Inter-Sync Gateway Replications automatically attempt to restart in case of interruption or whenever a node restarts and can be configured to decrease restart attempts in cases of an extended network interruption.
Inter-Sync Gateway Replication provides built-in high availability and uses node distribution to ensure all running replications are uniformly distributed across the available nodes, regardless of the originating node.
The ability to sync data between Sync Gateway deployments allows you to architect multi-tiered, hierarchical, edge topologies that support extremely high availability, low latency, data privacy and efficient bandwidth usage.
- For more information about using Inter-Sync Gateway Replication with App Services, check out this blog.
Sync Gateway / App Services can track and replicate the parts of a document that have changed without sending the entire document. This allows less data to be sent over bandwidth constrained networks, making apps faster and more efficient.
For mobile apps that utilize decentralized data writes, the same data can be simultaneously modified on multiple devices, creating a conflict. For resolving conflicts, you can apply one of the built-in conflict resolver policies, which can be easily included in your own replications. The goal of automatic conflict resolution is to return a winning revision based on the consistent application of the configured conflict resolver policy.
Sync Gateway/App Services conflict resolution uses revision trees and a default resolution rule of most active branch wins. This way conflicts are resolved logically based on activity, vs. system clock-based conflict resolution that takes a most recent change wins approach, which are problematic due to the issues around clock differences across devices.
- Read more about working with Couchbase Lite conflict resolution and how to use Inter-Sync Gateway Replication conflict resolution.
Channels are a key to understanding how Sync Gateway shares and controls access to documents. Channels are basically intermediaries between documents and users.
As illustrated in the following diagram, every document in the database belongs to a set
of channels, and every user is allowed to access a set of channels.

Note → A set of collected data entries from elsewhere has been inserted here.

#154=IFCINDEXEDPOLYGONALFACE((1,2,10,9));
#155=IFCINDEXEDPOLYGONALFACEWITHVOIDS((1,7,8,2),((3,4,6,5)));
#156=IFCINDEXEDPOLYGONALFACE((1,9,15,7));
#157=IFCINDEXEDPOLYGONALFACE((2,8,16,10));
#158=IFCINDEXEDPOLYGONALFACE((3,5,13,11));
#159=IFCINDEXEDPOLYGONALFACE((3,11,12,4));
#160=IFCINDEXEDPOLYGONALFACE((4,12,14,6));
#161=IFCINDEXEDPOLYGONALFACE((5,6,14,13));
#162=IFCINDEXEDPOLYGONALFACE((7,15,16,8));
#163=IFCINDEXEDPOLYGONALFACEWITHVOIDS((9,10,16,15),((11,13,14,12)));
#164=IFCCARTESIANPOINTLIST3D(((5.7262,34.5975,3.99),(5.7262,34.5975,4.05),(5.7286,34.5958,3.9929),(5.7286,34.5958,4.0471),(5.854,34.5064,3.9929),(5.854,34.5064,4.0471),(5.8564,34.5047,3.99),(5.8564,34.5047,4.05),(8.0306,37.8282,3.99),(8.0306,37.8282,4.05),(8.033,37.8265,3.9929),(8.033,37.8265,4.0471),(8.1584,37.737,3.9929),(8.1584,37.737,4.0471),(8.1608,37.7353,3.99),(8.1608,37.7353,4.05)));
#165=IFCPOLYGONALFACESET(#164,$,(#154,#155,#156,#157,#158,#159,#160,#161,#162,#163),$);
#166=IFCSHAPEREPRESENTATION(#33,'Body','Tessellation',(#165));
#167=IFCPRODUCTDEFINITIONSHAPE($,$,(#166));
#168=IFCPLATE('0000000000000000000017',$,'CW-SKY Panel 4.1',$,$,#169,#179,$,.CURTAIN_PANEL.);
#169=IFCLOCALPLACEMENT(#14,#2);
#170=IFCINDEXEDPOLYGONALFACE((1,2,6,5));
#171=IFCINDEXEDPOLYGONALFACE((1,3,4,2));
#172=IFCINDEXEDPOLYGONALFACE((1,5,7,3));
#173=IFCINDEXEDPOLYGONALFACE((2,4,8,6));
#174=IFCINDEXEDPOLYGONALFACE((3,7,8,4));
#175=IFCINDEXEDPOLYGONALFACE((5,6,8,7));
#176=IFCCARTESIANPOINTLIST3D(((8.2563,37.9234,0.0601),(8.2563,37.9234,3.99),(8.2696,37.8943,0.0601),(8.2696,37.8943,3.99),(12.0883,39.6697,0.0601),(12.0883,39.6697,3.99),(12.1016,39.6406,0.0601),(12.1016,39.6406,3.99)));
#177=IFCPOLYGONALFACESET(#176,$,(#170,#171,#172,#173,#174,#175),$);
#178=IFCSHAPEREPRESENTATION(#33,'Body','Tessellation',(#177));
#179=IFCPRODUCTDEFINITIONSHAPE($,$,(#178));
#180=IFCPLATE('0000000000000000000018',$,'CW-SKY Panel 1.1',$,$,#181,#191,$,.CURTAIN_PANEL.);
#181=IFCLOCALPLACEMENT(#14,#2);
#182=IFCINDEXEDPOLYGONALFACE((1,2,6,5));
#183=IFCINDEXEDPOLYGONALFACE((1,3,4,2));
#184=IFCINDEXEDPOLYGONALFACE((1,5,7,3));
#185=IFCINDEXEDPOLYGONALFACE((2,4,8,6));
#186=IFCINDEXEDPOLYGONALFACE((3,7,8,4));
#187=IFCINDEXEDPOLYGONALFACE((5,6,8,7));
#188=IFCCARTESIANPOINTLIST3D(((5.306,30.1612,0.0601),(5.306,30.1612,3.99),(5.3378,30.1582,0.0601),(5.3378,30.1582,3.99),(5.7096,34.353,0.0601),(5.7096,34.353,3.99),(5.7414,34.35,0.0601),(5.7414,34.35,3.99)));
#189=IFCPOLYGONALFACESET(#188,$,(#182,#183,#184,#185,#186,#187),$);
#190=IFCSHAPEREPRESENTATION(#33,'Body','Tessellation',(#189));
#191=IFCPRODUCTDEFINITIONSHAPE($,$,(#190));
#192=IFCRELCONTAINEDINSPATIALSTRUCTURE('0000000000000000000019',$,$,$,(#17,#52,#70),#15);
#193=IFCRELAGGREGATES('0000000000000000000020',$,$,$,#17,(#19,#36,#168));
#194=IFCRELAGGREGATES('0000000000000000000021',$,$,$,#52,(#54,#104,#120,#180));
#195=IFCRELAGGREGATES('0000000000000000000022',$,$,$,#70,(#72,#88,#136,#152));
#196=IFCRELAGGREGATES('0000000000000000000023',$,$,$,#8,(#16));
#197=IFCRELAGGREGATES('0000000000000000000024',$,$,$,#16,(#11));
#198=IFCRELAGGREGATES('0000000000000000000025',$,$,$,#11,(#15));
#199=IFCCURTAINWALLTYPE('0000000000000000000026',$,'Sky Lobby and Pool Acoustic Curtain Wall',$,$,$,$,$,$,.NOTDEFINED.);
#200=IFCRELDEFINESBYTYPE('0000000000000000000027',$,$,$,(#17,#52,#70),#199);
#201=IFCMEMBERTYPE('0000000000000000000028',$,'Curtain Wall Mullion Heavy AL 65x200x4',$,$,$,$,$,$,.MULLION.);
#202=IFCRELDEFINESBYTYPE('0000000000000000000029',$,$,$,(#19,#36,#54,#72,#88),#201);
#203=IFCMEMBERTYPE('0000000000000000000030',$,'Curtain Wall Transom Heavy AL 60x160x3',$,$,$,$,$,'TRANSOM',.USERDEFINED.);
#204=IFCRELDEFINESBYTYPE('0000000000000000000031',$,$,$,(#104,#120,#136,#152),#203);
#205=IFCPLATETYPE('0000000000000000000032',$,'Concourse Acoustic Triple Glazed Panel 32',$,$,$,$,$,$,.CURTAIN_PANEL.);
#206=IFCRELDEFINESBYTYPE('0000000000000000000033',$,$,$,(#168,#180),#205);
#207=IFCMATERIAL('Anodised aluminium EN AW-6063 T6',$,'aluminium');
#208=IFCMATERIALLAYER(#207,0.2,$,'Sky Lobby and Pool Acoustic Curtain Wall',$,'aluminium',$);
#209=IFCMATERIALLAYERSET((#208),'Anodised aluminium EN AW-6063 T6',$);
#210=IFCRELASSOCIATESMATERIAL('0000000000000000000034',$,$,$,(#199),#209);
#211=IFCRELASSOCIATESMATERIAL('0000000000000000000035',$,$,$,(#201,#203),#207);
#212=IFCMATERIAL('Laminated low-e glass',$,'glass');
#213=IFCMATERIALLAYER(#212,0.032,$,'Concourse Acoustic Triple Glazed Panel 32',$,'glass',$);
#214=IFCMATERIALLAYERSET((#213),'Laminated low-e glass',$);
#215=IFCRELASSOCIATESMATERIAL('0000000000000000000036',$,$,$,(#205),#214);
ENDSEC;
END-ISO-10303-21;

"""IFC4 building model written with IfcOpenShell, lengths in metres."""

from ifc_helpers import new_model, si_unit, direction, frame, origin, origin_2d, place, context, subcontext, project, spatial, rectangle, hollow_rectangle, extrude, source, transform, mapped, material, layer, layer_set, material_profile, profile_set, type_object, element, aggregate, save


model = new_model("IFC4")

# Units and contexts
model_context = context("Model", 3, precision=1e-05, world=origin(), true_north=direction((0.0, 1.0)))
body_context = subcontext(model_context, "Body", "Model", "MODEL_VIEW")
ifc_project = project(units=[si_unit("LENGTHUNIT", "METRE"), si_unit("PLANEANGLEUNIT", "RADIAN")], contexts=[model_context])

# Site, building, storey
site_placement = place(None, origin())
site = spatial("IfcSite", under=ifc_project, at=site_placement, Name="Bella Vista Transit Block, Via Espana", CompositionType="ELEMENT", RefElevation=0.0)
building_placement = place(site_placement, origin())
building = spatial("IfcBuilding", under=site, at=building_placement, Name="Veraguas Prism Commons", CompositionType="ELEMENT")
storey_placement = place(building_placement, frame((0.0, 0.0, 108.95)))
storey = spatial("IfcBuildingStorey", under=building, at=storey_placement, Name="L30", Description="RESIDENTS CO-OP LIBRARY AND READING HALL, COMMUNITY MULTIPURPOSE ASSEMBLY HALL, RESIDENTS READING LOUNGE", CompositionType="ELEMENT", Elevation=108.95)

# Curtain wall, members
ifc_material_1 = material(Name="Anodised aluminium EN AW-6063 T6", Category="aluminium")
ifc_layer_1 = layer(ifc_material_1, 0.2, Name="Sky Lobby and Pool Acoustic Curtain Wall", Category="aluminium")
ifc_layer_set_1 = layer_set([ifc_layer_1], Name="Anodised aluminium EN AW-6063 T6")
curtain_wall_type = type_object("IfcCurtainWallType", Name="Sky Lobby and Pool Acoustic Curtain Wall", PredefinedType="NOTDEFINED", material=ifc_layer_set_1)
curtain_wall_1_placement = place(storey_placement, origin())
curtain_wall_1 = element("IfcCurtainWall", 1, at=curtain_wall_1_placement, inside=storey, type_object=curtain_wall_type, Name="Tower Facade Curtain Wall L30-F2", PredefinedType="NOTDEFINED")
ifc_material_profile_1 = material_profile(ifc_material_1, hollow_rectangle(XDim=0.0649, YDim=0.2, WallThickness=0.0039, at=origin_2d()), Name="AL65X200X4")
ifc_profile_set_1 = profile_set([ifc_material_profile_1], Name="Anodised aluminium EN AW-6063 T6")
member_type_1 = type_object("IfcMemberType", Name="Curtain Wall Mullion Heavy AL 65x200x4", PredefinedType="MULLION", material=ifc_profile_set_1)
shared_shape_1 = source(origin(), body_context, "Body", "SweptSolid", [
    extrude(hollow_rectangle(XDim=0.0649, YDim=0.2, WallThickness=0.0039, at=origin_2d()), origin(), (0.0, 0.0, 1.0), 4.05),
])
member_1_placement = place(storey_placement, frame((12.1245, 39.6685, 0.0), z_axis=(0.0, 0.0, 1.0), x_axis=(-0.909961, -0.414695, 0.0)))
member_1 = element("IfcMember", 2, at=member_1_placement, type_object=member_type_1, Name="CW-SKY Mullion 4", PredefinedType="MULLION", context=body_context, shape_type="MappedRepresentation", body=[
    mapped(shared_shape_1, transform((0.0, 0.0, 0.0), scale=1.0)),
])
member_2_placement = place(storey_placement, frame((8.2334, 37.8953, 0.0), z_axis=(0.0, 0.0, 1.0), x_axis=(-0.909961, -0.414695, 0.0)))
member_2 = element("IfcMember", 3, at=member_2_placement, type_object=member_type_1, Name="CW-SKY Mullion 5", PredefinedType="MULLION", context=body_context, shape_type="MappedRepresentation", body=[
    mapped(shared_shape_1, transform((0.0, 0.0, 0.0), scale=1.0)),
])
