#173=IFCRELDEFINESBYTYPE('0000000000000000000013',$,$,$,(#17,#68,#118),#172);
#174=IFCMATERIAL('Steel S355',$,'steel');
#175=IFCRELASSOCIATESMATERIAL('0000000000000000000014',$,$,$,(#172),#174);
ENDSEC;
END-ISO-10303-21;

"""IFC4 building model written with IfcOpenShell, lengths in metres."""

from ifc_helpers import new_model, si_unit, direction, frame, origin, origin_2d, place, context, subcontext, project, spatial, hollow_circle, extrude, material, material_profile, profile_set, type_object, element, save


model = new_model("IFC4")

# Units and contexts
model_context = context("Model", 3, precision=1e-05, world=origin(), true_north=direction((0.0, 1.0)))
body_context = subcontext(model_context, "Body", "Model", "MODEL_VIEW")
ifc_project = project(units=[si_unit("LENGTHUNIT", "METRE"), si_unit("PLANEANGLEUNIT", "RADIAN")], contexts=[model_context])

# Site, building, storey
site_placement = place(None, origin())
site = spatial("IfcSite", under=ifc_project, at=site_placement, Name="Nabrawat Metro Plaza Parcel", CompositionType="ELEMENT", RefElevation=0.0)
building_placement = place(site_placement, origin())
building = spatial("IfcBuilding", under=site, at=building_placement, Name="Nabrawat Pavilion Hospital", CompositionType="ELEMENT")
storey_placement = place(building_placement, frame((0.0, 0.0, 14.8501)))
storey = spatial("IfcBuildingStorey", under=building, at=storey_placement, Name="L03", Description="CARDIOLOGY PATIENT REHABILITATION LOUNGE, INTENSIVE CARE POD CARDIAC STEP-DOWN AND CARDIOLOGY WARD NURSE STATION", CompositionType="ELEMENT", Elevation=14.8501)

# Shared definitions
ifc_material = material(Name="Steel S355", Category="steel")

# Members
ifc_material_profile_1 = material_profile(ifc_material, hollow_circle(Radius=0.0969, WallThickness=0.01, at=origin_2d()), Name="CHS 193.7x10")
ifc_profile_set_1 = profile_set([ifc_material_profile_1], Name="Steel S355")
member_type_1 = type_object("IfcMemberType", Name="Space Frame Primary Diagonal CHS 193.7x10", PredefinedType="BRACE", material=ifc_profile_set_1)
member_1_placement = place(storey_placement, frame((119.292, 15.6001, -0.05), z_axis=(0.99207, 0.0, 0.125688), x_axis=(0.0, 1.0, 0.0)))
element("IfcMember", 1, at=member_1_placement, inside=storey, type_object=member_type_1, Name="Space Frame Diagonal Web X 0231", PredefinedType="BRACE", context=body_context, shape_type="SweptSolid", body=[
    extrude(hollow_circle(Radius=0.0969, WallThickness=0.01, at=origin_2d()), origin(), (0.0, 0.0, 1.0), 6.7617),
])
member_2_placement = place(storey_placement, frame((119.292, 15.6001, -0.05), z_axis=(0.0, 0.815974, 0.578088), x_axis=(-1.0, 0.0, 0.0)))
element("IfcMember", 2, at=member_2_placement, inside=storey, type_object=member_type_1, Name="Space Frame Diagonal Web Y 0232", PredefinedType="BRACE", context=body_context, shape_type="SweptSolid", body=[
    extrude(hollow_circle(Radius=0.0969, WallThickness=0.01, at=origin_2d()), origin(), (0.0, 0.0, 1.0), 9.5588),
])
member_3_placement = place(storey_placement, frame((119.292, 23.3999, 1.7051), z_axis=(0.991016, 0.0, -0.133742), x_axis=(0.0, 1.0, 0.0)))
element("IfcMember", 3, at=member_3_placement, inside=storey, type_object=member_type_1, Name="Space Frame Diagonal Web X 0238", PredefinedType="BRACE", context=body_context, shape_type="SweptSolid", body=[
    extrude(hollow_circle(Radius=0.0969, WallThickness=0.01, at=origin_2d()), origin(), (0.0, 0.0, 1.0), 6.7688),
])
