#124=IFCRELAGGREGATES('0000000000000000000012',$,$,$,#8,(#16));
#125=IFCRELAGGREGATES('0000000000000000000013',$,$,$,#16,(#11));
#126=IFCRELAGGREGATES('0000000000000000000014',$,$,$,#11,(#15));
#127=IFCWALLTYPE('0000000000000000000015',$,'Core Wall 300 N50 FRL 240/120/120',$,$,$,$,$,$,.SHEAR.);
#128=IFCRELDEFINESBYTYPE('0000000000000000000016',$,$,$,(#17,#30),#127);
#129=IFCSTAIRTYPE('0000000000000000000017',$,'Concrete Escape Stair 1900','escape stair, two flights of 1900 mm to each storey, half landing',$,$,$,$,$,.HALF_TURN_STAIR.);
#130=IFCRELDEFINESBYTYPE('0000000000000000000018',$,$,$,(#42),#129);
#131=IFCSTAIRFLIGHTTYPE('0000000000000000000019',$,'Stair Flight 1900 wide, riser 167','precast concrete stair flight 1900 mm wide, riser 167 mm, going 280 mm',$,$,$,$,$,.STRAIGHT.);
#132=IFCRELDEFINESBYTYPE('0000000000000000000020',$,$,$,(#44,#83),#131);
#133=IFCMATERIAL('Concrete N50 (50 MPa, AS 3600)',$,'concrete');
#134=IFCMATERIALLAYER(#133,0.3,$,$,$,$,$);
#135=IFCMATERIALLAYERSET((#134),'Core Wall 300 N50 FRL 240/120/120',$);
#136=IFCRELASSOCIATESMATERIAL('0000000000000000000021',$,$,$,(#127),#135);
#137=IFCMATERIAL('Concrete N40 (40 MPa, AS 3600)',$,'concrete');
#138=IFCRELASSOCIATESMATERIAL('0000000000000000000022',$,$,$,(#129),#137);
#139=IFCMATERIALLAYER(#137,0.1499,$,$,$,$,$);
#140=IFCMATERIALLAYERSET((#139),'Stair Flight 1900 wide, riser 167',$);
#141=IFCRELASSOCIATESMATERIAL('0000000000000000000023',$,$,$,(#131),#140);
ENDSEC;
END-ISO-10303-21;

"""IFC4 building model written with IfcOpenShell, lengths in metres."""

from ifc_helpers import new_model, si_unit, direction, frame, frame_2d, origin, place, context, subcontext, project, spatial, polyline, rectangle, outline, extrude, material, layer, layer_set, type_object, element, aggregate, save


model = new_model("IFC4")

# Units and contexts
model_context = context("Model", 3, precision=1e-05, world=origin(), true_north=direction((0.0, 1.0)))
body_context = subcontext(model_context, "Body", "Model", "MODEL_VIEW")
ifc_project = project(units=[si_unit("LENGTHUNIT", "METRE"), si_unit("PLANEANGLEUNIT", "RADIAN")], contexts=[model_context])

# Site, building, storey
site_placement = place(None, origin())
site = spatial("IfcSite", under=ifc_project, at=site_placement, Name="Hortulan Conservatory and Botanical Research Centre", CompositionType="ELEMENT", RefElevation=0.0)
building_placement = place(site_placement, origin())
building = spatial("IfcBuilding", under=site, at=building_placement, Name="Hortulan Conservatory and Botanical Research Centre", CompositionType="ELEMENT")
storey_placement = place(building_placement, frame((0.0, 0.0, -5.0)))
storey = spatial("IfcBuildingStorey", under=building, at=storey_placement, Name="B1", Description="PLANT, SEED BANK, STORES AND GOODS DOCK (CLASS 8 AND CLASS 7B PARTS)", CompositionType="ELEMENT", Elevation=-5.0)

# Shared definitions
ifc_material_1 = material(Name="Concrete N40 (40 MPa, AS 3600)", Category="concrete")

Once a user creates a document, it is assigned to one or more channels. Users can only access documents assigned to channels that they have been granted access for, authorization is handled by Sync Gateway.
For example, documents added to a public channel are visible to any user. A channel can also be private and restrict access to a single user or provide shared access between multiple users,
Roles are named collections of channels. A user is assigned to a role and thus inherits the channel access assigned to the role. This control can be changed at any time and even revoked to prevent improper access.
- Learn more about Sync Gateway Access Control.
The sync function can be used to:
- Validate documents
- Authorize changes
- Grant user access to channels
- Assign documents to channels
The sync function can provide access control at the document level for reads, and at the field level for writes.
- Learn more about the Sync Gateway Sync Function.
Sync Gateway/Capella App Services Summary
The data sync capabilities of Couchbase Sync Gateway and Capella App Services are ideally suited for mobile and IoT applications – where data changes rapidly and updates need to be instantly reflected across a distributed ecosystem of users and devices.
The following table provides an at-a-glance list of applicable use cases, if your application requires any of these capabilities, then Sync Gateway/App Services is the solution:
Sync Gateway / App Services
|Cloud-to-edge data sync|
|Built for multi-tier edge topologies|
|Precise data routing|
|Customizable conflict resolution|
|Channel access revocation|
Check out this live demo of Couchbase Sync Gateway in an airline baggage scenario:
Couchbase is unmatched in its ability to replicate and synchronize data across a globally distributed application ecosystem to provide consistency, integrity and disaster recovery for critical applications, from the cloud to the edge.
We hope this post clarifies the role and uses of Couchbase XDCR and Couchbase Sync Gateway/Capella App Services so know which one to leverage for your specific requirements.